While many businesses may believe that the Wi-Fi provisions that they have are adequate for meeting the mobile needs of their workforce, employees think differently. CommScope's survey found more than three-quarters of office workers (77 per cent) believe it is important to be able to make mobile phone calls and access 4G data services while at work. Almost two-thirds of respondents (64 per cent) agreed that strong mobile connectivity is an important factor for them when looking for a role.

There is strong demand for over the top (OTT) services that use mobile networks, as nearly one in three workers (29 per cent) admitting to using their 4G connections to watch videos, download apps or connect with social media on a daily basis. A further 27 per cent said they do this at least once a week.

CommScope noted that while mobile operators should be doing more to improve their networks in order to support the next generation of networking devices - with Internet of Things sensors set to greatly increase the amount of traffic competing for space on such networks - they cannot do so alone, so a collaborative approach will be essential.

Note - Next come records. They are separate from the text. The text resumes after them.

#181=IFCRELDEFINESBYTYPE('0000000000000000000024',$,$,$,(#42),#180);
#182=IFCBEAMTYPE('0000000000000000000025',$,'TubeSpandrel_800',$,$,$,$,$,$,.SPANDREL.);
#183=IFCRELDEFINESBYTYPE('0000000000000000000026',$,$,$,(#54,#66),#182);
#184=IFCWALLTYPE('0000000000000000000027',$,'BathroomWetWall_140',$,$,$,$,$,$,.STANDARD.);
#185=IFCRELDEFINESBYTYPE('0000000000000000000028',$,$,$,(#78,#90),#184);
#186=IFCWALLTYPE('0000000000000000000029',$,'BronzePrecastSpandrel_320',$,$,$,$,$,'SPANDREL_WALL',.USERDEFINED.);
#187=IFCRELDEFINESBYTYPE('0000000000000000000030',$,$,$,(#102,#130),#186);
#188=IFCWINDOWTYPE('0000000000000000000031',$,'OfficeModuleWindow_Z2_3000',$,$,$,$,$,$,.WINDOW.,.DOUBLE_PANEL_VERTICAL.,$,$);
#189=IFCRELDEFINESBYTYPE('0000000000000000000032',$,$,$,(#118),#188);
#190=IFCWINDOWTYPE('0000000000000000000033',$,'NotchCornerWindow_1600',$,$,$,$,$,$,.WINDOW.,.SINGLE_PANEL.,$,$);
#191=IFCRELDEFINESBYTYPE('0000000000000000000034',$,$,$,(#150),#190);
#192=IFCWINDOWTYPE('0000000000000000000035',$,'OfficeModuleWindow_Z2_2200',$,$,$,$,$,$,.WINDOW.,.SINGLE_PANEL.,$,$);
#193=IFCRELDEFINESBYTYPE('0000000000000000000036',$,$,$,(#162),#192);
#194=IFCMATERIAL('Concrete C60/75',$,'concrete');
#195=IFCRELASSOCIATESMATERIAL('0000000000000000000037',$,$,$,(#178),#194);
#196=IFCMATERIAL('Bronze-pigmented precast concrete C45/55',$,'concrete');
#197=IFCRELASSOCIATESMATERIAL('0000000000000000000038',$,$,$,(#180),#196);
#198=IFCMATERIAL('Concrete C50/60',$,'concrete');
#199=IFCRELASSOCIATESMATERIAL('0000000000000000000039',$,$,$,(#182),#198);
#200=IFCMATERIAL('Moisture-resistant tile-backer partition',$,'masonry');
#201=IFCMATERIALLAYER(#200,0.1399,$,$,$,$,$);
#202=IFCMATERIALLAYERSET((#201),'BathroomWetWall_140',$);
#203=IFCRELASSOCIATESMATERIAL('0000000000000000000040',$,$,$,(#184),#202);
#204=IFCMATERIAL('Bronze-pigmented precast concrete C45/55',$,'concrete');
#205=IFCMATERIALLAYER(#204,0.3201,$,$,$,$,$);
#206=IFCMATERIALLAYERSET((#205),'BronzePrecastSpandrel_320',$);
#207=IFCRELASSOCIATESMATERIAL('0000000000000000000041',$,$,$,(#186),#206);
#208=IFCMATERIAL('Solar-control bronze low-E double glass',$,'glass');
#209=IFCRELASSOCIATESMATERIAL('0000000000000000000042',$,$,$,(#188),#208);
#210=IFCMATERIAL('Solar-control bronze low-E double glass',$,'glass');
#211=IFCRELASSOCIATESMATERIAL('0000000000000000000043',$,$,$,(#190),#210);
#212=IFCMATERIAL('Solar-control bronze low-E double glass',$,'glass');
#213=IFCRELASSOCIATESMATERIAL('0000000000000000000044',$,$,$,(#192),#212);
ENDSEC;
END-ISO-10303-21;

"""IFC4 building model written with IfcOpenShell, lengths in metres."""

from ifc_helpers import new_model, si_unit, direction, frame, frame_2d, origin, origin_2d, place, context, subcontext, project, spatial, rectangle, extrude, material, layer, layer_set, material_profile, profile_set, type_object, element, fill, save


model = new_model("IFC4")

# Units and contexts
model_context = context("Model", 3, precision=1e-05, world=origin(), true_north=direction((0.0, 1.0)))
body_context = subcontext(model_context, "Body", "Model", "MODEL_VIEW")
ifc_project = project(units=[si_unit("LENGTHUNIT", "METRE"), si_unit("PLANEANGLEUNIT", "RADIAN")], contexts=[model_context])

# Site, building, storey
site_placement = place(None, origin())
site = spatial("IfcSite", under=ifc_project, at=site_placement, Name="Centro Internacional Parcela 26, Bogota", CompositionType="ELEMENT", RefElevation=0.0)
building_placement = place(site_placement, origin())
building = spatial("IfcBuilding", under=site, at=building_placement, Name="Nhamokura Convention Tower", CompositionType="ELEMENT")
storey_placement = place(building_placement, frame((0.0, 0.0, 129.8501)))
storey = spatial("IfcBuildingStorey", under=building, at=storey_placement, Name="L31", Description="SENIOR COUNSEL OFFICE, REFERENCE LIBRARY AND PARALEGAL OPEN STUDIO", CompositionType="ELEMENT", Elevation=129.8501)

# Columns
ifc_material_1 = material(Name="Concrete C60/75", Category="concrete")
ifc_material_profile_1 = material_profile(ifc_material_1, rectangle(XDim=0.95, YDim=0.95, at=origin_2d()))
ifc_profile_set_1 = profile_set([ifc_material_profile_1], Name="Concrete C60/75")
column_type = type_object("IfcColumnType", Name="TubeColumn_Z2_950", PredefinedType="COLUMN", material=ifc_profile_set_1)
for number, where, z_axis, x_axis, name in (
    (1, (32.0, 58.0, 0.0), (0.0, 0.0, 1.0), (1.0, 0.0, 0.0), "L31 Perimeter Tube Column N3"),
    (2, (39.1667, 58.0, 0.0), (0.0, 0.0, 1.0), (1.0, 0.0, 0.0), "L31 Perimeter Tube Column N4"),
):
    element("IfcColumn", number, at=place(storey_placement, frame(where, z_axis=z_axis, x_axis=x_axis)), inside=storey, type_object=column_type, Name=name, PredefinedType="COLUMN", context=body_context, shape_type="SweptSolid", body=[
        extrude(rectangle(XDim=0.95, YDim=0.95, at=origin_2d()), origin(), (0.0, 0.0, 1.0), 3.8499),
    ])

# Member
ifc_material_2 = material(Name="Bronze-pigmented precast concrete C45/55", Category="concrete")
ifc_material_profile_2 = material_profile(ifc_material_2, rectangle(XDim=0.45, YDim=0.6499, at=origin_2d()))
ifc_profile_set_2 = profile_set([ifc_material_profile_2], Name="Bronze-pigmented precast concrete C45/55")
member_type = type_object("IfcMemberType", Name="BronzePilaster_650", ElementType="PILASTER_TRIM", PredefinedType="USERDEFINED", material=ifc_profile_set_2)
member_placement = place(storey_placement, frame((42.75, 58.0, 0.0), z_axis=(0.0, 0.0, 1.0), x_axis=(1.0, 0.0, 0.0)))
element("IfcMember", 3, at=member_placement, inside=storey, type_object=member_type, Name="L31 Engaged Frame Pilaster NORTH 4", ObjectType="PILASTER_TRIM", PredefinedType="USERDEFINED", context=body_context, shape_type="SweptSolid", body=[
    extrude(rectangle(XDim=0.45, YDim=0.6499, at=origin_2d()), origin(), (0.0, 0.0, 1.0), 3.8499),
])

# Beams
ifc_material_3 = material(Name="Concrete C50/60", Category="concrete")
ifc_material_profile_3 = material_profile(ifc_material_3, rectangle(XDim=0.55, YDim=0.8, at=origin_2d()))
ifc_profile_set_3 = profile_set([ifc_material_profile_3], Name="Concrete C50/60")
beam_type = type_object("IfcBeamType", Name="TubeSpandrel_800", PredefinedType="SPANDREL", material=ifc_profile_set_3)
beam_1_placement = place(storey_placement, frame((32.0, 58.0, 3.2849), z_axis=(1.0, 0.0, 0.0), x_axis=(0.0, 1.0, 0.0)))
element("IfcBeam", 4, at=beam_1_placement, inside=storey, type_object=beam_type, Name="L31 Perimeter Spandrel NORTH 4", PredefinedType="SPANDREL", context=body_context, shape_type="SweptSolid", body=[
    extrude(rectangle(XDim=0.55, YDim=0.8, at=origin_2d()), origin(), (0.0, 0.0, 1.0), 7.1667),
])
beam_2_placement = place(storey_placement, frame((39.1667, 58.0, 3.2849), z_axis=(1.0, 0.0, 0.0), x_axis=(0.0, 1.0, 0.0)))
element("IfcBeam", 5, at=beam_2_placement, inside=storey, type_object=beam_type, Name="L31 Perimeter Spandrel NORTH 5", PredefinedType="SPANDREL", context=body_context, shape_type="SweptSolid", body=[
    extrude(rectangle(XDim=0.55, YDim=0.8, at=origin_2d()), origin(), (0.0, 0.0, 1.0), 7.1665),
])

Mr Sorsky said improving indoor connectivity is a "significant challenge" for operators, especially when it comes to large and complex buildings. He said: "There is also an ongoing debate around whose responsibility it is to cater for the end-users; with mobile operators, building owners and facilities administrators all playing a role."

He added that establishing dialogue and a cooperative culture between these parties is vital. "Businesses will look elsewhere if they can’t get access to first class facilities, with wireless coverage, capacity and speed assured to enable productivity across their organisations," Mr Sorsky continued.